Intuit/Quickbooks does suck. Their customer relations department is non existent because they know once Quickbooks is how your small business accounting is structured on they have you by the short hairs.
so much for the customer is always right ?
@Bad_Brad – Over at TTAG, one of the comments suggested looking at Sage (formerly Peachtree) software as an alternative to QB. If I were you (and I know I’m not) I’d be working on getting away from Intuit as fast as possible. You’re exactly the kind of business they want to dump, and dump as rudely as possible.
Joe6Pak/UncleAl
If you run your payroll through Quickbooks they really have you by the short hairs. We’ve been running Quickbooks for ever. I much preferred them when you were not constantly connected on line with them. The problem with switching is they integrate with out shop management/erp system.
So, are they saying a Baker does not have to make a wedding cake for a same sex couple? I’m down with that by the way. I’m not down with the double standards.
If I had the know how I’d be coming up with an Intuit/Quickbooks alternative.
Free Market baby!
So H&R Block pushed for Obamacare and now Intuit/Turbo Tax is punishing gun companies and contributing to PP.
Anyone know of an alternative to doing your own taxes?
Uncle Al/Bad_Brad:
I have used PeachTree (Sage) for over 25 years, (turned onto it in the Army, which was using PeachText 5000 productivity suite for the newly minted Windows 1.x, before adopting Enable). Have assisted clients w/Intuit’s QB Pro, but never used or liked it. PeachTree has now morphed into Sage 50cloud Accounting, which I have not used. Still running the last Peachtree Accounting Complete.

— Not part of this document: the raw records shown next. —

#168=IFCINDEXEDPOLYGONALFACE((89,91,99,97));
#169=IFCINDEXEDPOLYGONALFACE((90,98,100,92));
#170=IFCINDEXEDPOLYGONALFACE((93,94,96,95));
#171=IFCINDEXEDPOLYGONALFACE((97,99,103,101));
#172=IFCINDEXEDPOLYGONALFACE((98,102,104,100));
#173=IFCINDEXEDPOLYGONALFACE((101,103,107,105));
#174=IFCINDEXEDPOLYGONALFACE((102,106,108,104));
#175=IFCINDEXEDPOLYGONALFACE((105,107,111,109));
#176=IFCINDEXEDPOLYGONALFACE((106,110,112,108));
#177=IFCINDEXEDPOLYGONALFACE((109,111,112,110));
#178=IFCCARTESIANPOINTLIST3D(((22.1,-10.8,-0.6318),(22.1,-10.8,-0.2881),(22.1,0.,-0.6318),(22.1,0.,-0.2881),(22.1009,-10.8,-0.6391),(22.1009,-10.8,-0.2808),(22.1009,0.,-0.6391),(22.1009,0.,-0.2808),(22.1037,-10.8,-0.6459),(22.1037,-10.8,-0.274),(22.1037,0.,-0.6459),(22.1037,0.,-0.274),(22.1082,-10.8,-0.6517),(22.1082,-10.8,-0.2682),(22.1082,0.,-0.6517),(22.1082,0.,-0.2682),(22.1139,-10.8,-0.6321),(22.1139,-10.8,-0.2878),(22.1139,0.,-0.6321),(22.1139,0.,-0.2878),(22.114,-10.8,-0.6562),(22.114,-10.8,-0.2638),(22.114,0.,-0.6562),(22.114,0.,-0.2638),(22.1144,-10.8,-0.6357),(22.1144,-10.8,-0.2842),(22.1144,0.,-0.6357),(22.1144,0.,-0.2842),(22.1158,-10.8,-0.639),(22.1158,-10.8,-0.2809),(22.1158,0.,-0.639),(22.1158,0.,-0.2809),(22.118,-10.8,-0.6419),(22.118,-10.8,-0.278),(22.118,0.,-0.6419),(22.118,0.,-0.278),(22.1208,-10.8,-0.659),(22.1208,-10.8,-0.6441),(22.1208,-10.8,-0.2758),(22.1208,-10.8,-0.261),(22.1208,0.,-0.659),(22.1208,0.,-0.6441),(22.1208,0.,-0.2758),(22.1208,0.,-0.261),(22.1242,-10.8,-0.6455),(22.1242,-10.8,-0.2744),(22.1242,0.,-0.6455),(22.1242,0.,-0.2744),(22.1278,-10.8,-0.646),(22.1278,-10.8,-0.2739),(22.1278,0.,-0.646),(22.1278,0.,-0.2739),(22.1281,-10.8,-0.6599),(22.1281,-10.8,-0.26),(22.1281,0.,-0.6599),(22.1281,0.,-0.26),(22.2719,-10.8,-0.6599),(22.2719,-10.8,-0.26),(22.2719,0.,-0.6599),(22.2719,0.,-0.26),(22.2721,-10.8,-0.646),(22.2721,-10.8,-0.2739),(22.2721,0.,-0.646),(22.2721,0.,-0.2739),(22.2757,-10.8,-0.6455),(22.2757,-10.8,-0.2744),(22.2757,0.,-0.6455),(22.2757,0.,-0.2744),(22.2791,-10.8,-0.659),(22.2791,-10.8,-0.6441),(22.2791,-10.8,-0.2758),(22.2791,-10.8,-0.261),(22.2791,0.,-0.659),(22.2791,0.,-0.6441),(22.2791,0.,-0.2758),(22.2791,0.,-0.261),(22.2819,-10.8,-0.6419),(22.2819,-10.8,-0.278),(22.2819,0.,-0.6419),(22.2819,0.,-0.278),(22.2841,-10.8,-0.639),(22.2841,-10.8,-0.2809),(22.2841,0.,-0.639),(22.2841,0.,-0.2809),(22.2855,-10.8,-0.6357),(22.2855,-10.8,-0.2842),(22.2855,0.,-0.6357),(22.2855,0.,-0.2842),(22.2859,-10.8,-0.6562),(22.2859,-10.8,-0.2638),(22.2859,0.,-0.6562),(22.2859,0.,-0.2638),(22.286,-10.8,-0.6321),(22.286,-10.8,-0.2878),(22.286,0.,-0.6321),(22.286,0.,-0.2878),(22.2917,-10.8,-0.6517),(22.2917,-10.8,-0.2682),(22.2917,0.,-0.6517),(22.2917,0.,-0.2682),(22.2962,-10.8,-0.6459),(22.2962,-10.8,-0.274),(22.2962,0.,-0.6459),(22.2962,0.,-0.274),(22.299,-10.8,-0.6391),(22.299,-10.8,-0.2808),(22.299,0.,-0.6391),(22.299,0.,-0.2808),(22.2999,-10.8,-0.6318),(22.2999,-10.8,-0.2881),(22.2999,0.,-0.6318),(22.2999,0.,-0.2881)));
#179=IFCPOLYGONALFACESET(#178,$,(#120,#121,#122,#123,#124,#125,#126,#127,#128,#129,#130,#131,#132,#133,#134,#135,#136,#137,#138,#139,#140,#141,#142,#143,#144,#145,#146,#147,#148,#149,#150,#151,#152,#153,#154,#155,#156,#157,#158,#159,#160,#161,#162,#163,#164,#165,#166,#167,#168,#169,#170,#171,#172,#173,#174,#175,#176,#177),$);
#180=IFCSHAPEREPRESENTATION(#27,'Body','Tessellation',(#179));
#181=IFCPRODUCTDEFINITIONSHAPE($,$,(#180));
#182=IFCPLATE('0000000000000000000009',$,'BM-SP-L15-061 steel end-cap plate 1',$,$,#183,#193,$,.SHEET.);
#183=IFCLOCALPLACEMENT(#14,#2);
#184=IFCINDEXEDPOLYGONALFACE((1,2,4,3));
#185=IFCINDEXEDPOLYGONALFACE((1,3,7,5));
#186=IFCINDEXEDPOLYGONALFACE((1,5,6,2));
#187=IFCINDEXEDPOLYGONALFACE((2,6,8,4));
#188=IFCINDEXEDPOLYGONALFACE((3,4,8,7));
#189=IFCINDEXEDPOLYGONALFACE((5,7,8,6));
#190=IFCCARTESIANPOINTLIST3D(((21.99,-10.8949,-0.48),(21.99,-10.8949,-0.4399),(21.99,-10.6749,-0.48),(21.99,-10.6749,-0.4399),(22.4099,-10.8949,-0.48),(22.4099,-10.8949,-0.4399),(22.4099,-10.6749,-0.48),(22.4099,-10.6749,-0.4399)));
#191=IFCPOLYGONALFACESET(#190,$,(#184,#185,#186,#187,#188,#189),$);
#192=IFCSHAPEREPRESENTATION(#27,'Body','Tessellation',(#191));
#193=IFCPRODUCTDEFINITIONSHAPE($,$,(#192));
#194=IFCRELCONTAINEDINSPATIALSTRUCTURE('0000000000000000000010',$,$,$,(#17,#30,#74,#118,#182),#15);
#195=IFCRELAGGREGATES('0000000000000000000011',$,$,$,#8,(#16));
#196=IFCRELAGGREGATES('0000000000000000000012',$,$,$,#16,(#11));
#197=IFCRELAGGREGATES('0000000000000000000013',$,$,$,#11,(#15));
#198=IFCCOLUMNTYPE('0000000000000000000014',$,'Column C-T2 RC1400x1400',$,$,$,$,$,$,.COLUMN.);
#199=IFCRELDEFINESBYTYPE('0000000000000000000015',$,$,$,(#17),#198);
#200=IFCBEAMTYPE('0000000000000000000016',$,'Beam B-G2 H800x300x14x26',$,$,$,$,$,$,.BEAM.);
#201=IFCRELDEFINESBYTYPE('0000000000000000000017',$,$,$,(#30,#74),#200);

For taxes, about 8yrs ago, switched from TurboTax to H&R, specifically due to their corporate support of PP. As an undergrad, I was a contract preparer for both H&R and Jackson-Hewitt. While I have been satisfied with H&R, I am very concerned with their current SJW policy meandering. Jackson-Hewitt now has a consumer product available, but I’ve never used it and no idea as to their SJW proclivities index. TaxAct is a good program, have assisted professional clients in getting it set-up and staying updated, but I think it is geared to professional preparers, or it used to be. I always get the Ernst & Young Tax Guide…really wish they would develop a Consumer/SMB tax-prep application suite.
Most of my personal accounting I use a combination of Parson Tech’s ancient MoneyCounts and a custom SQL database. Used Parson’s TaxCounts, until they restructured, after Bob hit mid-life and jumped ship to found GoDaddy. (Still use PT’s Pastoral edition of their QuickVerse).
Progs seem to have thoroughly infested core technologies essential for governing, commerce, and communications…so much so, I think the time is ripe for developing/fieldling alternative products, platforms, and services. We outnumber them…the markets exist.
TWD
What the fuck?!!?
ThisWeDefend
I miss the programs that were resident on my box and didn’t require linking to an organization that large.
Fucking over people who are familiar with and proficient with guns takes either massive balls or massive stupidity….
Go to flat tax, sales tax, consumption tax, whatever. Put them all out of business.